O que pode um escritor dizer sobre um tema como aquele que nos é proposto: "A Globalização da Tecnologia em Informática"? Ocorreram-me várias coisas enquanto pensava no assunto. No silêncio de uma velha sala, eu preparava esta intervenção quando me aconteceu observar na esquina do tecto uma teia de aranha. Esse pequeno animal concebera e construíra não uma casa onde morar, mas uma armadilha para caçar. Os ingleses chamam web a esse entrelaçar de fios. A tradução do termo é ambígua - pode ser rede, pode ser teia. (...)
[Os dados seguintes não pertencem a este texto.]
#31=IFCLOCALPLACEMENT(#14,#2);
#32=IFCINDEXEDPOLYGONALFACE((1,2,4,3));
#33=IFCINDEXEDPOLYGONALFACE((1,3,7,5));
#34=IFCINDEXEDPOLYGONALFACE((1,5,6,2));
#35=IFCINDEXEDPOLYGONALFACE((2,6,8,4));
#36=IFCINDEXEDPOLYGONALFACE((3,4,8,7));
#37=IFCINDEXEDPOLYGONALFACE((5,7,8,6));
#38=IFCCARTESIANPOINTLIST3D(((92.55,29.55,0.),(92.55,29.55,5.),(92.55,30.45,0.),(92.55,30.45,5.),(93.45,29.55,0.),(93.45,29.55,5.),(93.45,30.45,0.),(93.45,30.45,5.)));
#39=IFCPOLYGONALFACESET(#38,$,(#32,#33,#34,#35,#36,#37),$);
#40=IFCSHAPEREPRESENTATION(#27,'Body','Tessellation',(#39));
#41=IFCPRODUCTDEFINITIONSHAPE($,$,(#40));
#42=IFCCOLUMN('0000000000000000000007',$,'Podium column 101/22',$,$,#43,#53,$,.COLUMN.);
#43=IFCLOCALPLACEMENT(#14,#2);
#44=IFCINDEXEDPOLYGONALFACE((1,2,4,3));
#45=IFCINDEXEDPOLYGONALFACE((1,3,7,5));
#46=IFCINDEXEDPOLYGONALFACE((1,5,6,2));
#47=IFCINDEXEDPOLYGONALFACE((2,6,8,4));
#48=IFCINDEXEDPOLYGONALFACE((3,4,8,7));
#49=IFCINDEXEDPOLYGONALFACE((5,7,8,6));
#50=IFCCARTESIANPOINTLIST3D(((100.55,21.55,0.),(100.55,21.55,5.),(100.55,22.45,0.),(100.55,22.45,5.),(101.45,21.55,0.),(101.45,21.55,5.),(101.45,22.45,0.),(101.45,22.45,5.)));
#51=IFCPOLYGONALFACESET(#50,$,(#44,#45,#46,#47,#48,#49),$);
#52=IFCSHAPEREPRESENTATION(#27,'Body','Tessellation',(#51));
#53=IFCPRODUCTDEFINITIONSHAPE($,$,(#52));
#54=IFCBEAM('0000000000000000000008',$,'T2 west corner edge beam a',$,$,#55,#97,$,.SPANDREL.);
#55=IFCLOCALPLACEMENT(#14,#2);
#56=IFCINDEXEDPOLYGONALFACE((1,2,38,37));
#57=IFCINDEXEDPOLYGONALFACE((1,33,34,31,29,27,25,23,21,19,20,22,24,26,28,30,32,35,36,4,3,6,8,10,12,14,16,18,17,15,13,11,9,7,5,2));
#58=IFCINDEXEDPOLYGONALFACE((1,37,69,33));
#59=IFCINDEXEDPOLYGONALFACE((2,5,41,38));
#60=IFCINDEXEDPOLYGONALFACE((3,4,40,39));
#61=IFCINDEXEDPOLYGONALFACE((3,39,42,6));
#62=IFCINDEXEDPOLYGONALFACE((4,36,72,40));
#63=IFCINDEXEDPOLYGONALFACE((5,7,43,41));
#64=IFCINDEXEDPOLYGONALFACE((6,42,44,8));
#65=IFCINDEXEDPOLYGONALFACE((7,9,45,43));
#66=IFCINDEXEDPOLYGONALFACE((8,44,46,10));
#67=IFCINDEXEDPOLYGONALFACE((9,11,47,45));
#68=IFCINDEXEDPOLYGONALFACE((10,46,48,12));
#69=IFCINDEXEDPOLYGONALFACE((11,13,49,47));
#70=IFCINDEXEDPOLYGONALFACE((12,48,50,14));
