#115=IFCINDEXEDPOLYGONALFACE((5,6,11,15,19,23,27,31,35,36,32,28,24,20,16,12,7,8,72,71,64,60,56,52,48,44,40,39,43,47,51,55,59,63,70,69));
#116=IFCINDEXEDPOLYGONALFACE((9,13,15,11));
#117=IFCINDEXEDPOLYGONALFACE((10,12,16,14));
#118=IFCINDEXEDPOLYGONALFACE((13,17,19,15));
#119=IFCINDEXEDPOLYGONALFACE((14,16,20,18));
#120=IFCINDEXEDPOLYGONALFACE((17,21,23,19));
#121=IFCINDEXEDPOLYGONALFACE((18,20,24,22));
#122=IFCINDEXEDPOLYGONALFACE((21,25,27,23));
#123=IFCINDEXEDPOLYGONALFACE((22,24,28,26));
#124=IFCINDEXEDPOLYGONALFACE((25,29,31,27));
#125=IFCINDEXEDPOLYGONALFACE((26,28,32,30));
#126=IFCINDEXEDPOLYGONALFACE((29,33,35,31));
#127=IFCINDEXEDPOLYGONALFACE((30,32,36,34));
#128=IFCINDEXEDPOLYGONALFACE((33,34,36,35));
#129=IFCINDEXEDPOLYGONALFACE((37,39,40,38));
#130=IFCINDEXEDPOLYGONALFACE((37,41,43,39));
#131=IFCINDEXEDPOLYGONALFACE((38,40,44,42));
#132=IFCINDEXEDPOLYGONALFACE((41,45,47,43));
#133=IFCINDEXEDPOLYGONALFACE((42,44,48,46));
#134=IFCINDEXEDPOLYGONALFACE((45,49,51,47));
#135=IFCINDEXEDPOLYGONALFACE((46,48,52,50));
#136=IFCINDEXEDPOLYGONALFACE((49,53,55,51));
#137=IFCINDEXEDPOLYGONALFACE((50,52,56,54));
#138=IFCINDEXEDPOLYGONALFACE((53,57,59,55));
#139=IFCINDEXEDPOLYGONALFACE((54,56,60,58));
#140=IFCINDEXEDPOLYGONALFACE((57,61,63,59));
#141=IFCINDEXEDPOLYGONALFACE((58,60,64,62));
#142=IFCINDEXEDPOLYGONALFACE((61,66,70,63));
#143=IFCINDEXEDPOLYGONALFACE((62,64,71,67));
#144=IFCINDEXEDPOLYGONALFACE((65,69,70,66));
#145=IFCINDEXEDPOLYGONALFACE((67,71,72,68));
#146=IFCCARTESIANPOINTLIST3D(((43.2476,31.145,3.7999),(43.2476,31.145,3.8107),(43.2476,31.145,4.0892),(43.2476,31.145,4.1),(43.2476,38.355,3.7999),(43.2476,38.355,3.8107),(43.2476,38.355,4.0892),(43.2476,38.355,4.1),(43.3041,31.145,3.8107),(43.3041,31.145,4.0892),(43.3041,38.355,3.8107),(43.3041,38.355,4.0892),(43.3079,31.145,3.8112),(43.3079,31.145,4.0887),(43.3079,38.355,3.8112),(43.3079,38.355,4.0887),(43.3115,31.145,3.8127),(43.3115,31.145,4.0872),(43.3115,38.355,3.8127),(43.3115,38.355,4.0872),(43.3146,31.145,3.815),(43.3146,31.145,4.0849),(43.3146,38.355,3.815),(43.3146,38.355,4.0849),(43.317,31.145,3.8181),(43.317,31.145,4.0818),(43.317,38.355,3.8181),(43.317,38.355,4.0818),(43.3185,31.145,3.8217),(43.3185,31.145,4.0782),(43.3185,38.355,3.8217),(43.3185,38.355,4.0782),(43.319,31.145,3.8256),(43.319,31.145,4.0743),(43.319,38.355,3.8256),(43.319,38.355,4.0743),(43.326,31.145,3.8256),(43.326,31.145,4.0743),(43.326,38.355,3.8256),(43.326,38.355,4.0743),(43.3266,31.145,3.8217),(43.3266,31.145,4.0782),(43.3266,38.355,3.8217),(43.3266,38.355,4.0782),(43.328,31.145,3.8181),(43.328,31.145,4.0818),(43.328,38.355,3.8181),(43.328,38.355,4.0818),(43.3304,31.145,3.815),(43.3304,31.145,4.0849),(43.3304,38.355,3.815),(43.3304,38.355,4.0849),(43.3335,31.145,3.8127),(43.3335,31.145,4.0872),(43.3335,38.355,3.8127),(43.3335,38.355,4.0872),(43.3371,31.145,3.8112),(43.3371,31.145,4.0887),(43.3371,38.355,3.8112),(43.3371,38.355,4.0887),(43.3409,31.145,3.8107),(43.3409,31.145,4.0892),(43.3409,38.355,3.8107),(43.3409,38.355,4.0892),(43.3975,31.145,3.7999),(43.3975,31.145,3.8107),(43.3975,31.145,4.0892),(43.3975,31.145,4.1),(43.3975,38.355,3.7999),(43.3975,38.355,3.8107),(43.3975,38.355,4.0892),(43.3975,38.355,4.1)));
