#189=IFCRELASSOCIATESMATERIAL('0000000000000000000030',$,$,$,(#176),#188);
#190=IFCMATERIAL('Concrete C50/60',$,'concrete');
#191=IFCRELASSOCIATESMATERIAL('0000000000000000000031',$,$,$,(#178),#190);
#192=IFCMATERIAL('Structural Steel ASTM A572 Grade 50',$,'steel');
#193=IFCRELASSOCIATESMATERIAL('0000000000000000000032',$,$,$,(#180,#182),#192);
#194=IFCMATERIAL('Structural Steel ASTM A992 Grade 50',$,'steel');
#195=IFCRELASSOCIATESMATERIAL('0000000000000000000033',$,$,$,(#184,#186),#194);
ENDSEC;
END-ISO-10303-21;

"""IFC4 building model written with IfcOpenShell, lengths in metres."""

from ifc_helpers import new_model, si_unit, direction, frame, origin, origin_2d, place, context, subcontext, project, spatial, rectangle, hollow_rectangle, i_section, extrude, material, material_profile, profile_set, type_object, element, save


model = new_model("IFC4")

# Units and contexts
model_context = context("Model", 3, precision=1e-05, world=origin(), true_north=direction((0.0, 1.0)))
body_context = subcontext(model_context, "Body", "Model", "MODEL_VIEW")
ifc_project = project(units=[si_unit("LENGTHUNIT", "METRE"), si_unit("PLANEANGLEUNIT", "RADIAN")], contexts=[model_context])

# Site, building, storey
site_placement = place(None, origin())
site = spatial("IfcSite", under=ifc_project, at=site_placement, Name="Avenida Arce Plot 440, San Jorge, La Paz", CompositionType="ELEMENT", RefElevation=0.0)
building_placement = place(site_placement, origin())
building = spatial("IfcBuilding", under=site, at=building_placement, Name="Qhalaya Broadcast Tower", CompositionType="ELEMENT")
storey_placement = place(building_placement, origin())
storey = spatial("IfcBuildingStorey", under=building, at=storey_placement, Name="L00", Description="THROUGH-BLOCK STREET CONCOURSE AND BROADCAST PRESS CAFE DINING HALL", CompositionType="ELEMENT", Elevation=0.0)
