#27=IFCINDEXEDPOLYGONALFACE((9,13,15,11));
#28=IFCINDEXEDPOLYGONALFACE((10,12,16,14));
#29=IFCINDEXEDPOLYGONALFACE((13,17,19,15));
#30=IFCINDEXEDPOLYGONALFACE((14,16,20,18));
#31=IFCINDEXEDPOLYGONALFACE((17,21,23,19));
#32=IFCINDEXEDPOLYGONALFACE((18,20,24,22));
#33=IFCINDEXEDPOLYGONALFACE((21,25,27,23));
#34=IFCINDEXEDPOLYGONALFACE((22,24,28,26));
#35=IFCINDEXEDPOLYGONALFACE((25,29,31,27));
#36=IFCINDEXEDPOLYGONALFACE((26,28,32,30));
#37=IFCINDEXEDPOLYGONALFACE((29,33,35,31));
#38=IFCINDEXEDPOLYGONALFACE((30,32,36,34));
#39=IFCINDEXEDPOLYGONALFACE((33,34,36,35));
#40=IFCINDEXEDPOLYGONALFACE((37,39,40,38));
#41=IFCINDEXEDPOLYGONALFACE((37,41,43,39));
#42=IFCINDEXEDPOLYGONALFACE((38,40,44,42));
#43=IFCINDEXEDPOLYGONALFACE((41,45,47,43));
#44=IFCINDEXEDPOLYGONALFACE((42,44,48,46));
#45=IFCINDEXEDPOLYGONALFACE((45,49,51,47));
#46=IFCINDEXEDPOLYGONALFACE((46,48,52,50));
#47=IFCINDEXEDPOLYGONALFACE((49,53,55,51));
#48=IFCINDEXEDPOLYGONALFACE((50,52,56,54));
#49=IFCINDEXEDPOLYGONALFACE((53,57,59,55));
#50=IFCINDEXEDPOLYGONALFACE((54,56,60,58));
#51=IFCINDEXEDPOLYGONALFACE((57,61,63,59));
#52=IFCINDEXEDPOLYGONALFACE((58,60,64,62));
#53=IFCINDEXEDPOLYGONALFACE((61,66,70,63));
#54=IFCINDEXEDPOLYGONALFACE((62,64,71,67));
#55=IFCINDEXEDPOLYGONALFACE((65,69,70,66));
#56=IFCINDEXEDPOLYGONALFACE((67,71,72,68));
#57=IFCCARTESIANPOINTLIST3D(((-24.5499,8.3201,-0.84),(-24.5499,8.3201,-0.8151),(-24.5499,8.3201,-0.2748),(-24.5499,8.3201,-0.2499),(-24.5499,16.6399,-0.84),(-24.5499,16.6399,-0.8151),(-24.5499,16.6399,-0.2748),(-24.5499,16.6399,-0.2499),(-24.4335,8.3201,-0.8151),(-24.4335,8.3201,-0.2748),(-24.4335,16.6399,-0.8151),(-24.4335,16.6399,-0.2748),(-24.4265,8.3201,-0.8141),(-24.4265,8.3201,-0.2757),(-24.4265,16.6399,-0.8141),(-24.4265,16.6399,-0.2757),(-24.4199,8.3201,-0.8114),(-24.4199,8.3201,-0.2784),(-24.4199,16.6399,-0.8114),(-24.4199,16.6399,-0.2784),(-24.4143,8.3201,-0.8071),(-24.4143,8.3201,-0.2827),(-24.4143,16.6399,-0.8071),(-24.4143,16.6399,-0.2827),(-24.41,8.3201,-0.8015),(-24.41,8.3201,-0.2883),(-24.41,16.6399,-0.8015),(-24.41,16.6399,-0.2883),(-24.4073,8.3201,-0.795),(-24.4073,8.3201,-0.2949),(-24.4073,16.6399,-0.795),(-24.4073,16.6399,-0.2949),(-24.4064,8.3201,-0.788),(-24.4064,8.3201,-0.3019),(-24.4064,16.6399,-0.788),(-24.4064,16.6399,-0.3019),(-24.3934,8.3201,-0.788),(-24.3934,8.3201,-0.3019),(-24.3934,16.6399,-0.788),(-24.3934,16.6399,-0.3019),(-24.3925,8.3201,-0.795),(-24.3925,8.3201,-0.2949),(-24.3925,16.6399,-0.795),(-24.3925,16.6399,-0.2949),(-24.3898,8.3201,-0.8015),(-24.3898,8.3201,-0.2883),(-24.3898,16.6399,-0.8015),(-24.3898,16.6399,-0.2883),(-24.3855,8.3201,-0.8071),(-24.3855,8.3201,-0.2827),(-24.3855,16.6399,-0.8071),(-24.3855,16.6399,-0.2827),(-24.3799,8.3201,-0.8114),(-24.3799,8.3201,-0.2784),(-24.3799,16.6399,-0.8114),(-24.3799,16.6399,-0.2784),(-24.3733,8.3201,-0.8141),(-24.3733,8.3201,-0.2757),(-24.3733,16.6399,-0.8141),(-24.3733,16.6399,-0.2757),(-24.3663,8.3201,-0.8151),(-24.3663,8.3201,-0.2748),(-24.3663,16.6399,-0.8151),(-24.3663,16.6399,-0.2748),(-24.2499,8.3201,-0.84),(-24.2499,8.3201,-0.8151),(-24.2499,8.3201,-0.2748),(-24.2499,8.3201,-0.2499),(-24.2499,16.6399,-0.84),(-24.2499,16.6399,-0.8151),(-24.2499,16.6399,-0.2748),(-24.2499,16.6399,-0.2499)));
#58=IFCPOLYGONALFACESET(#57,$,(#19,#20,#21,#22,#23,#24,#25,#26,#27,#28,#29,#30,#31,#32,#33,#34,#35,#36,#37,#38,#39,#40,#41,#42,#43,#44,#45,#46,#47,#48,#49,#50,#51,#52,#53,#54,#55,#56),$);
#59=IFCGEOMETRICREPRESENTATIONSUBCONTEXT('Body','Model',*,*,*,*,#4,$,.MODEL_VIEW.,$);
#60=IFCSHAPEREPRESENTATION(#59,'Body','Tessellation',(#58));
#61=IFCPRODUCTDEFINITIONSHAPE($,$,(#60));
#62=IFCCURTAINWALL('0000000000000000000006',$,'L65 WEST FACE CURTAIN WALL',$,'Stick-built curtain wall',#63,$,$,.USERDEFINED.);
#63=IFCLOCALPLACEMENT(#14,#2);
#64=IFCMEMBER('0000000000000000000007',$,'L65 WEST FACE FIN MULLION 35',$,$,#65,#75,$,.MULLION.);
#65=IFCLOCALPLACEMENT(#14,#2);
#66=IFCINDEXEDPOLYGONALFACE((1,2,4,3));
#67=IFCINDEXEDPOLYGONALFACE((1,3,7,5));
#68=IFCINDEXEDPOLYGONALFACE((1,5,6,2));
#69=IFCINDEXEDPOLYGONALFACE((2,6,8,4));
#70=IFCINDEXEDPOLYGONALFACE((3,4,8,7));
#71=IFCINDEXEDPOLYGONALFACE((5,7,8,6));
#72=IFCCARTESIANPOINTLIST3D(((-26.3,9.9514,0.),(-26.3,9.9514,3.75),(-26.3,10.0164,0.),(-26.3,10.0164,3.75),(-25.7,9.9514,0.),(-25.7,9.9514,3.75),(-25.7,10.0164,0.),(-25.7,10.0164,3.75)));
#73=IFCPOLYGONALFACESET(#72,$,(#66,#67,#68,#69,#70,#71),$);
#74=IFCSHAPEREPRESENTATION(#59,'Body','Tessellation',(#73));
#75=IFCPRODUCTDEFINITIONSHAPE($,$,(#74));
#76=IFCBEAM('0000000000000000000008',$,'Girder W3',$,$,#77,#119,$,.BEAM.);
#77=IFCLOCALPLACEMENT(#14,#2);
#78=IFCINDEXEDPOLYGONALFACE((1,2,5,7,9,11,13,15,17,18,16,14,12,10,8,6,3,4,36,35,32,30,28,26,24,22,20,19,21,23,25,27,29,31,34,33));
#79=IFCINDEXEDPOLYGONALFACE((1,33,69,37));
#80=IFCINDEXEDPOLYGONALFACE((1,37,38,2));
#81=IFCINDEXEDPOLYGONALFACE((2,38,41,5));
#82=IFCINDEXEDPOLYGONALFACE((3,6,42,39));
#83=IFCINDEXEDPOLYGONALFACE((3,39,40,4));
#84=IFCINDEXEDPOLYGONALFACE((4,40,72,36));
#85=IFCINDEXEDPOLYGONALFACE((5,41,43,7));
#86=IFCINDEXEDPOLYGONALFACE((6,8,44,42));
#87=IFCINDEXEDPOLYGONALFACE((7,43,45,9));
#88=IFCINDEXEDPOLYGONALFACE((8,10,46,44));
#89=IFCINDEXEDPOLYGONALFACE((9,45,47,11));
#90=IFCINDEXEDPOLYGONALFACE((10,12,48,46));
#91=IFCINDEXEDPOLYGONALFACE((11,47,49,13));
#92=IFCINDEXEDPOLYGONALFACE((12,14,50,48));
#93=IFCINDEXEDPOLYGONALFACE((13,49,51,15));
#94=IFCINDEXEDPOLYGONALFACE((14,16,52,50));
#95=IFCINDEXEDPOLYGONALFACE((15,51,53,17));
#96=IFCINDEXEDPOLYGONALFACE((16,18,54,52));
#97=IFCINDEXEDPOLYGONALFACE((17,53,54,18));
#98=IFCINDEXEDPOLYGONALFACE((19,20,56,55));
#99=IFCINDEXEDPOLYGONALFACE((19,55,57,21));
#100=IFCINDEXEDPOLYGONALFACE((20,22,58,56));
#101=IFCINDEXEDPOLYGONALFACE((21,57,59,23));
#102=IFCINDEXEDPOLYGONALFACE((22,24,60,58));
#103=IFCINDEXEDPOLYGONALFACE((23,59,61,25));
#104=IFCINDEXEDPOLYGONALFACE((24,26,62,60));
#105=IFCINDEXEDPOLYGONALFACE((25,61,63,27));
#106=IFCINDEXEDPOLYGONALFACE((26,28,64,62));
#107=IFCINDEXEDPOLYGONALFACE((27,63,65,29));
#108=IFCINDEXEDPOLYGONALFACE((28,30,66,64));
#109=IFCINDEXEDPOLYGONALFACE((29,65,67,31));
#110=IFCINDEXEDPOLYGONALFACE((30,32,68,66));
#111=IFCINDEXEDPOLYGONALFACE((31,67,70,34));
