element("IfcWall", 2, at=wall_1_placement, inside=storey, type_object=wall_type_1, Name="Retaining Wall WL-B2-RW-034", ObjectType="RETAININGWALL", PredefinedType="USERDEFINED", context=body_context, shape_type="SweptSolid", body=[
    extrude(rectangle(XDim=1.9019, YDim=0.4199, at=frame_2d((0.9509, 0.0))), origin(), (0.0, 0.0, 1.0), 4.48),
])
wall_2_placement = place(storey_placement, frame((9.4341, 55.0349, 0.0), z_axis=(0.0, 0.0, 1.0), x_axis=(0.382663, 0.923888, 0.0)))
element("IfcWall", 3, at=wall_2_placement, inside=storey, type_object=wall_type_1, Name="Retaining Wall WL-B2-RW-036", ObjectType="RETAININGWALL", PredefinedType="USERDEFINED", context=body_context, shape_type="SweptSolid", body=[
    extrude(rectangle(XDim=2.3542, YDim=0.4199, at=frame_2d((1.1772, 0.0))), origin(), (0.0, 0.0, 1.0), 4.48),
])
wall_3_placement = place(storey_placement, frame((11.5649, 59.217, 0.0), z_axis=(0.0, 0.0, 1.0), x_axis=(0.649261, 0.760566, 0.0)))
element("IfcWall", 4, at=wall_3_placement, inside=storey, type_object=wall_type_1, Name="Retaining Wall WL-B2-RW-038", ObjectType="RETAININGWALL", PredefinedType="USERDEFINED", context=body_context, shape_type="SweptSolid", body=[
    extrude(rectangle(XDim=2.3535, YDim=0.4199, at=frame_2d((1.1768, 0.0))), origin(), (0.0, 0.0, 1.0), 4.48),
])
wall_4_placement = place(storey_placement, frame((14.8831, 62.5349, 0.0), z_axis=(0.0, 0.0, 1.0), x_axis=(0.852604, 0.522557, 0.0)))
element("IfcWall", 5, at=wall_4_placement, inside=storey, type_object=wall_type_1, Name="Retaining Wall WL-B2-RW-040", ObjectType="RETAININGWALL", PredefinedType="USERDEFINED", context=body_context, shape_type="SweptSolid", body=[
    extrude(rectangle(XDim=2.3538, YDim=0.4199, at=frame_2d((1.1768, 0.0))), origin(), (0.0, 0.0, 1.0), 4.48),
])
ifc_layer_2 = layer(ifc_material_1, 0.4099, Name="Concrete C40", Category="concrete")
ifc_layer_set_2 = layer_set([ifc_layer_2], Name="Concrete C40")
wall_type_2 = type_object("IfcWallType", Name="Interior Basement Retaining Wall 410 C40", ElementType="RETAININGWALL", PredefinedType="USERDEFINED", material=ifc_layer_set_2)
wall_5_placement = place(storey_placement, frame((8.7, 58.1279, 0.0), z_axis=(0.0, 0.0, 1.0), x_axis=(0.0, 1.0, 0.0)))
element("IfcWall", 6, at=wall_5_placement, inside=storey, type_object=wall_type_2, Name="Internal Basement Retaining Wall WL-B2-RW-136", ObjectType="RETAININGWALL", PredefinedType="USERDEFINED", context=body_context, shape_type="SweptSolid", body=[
Preocupa-me a maneira como estamos cedendo à tentação de olhar a tecnologia como solução global para os nossos múltiplos males. Muitos de nós acreditamos que é a técnica que nos vai salvar da miséria. Essa crença nos deixa vulneráveis a uns tantos vendedores de produtos mágicos. O futuro não seria apenas melhor - como diz o slogan - mas fácil, tão fácil como digitar um teclado. Para sermos como eles, os desenvolvidos, basta preencher uns tantos indicadores nos critérios de consultores e, num ápice, entramos no clube.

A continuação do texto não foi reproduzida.